Table of contents
Open Table of contents
- Context
- The Commit Log: Kafka’s Core Abstraction
- How Messages Land on Disk
- How the Offset Index Works
- Replication: How Kafka Survives Failures
- Producer: How Messages Get Into Kafka
- Consumer Groups: How Messages Get Out of Kafka
- Zero-Copy: Why Kafka Is Fast
- Putting It All Together: A Record’s Journey
- Key Design Decisions That Make Kafka Work
- References
Context
Imagine you are building a food delivery app. Orders come in from customers. The kitchen needs to know about new orders. The delivery team needs to know when food is ready. The billing system needs to charge the customer. The analytics dashboard wants to track order volume.
You could wire each system directly to every other system, but that quickly becomes a mess:
Customer App ----> Kitchen System
Customer App ----> Billing System
Customer App ----> Analytics
Kitchen System --> Delivery System
Kitchen System --> Analytics
Billing System --> Analytics
...Every time you add a new system, you have to update all the others. This is the coupling problem. What you really want is a central place where events land, and each downstream system picks up what it needs at its own pace.

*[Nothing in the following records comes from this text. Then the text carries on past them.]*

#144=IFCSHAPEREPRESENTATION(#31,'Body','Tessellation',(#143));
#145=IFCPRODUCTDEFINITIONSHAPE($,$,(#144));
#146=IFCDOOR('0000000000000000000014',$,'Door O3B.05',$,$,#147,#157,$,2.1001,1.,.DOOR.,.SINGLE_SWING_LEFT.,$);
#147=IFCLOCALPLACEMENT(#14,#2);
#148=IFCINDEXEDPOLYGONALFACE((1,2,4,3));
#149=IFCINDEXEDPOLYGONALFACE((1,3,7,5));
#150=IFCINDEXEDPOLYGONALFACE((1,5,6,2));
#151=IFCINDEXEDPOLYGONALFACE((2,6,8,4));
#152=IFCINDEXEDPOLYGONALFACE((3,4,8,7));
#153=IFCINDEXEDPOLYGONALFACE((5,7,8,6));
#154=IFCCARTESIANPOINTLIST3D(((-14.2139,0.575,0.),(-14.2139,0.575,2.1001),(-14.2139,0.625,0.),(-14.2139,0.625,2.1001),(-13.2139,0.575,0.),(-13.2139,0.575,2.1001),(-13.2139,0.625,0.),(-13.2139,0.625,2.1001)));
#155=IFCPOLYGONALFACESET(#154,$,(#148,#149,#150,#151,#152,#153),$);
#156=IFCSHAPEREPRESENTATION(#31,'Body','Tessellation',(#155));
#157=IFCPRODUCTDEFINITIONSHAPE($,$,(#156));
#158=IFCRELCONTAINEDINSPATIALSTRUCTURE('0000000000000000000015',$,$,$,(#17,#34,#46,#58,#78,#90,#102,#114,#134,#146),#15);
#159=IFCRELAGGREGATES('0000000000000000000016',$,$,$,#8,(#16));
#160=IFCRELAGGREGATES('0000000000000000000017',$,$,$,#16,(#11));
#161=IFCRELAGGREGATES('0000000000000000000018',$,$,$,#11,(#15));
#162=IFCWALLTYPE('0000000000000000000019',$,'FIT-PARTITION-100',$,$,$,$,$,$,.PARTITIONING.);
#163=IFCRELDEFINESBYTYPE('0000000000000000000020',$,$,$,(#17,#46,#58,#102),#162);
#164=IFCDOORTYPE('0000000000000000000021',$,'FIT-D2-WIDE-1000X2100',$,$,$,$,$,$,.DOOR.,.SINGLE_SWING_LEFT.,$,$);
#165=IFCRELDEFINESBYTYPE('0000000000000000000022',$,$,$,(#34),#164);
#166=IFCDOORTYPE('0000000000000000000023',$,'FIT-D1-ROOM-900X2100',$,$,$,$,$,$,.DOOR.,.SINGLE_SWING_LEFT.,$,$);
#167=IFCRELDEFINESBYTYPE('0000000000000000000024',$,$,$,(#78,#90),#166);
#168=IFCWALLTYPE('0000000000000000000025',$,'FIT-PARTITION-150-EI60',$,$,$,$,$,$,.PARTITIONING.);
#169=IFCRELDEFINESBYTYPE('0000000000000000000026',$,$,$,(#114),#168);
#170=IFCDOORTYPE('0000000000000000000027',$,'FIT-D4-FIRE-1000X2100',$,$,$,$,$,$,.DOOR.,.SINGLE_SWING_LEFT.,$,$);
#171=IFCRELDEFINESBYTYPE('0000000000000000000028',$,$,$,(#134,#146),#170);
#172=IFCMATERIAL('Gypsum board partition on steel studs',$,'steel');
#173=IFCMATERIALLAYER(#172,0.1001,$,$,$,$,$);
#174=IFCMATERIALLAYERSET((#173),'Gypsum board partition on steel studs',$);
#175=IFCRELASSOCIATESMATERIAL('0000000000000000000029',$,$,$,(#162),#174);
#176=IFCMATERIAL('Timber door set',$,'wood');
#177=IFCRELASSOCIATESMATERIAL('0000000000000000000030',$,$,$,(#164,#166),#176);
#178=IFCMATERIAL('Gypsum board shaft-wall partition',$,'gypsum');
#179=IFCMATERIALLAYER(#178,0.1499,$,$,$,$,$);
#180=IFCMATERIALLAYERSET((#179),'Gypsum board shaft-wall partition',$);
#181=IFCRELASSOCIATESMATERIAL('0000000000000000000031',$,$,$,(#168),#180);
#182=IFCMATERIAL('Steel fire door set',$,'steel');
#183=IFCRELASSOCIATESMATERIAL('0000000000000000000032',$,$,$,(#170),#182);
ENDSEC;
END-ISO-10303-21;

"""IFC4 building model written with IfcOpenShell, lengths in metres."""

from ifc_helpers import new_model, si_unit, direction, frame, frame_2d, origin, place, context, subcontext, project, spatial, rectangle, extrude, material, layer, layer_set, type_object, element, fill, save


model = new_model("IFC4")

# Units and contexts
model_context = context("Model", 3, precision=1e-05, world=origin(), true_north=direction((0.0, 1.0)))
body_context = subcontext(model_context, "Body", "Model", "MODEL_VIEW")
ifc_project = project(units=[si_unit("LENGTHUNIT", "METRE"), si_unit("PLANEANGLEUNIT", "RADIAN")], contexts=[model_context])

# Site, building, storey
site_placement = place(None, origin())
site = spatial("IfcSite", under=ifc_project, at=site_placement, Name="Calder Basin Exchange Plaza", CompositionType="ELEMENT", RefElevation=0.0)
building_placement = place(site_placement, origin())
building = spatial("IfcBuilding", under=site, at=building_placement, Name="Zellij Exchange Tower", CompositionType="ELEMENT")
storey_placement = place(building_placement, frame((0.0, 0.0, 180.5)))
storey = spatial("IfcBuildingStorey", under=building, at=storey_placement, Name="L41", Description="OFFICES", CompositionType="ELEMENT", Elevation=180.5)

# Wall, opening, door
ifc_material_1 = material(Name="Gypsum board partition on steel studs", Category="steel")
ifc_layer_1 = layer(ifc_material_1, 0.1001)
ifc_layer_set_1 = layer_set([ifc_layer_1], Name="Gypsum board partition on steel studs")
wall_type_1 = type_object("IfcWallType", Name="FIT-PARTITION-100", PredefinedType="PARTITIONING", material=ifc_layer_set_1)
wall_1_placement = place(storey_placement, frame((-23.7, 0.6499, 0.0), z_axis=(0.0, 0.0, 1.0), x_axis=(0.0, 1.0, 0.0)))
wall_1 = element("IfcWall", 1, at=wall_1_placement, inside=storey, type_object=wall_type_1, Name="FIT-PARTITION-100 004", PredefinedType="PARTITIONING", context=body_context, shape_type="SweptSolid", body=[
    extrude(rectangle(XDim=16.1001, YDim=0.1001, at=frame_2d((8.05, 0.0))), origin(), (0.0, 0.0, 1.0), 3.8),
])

That central place is Apache Kafka — a distributed, fault-tolerant commit log that decouples producers (systems that generate events) from consumers (systems that process events).
Apache Kafka Cluster
+-----------+ +-----------------------------------+ +-----------+
| Customer |---->| |---->| Kitchen |
| App | | Kafka Brokers | | System |
+-----------+ | | +-----------+
| +-------+ +-------+ +-------+ |
+-----------+ | |Broker | |Broker | |Broker | | +-----------+
| Kitchen |---->| | 0 | | 1 | | 2 | |---->| Delivery |
| System | | +-------+ +-------+ +-------+ | | System |
+-----------+ | | +-----------+
| Topics split into partitions, |
| replicated across brokers | +-----------+
| |---->| Analytics |
+-----------------------------------+ +-----------+Kafka was originally built at LinkedIn in 2010 to handle the firehose of activity events (page views, searches, connections) flowing between hundreds of services. It was open-sourced in 2011 and became an Apache top-level project in 2012. Today it handles trillions of messages per day at companies like LinkedIn, Netflix, Uber, and Pinterest.
Let’s open the hood and see how it works.
The Commit Log: Kafka’s Core Abstraction
At its heart, Kafka is a distributed, append-only commit log. If you’ve worked with databases, you know about the Write-Ahead Log (WAL) — a sequential file where every change is recorded before it’s applied. Kafka takes this idea and makes it the entire product.
A topic is a named stream of events (like orders, payments, page-views). Each topic is split into one or more partitions. Each partition is an independent, ordered, append-only log:
Topic: "orders"
Partition 0: [0] [1] [2] [3] [4] [5] [6] [7] ...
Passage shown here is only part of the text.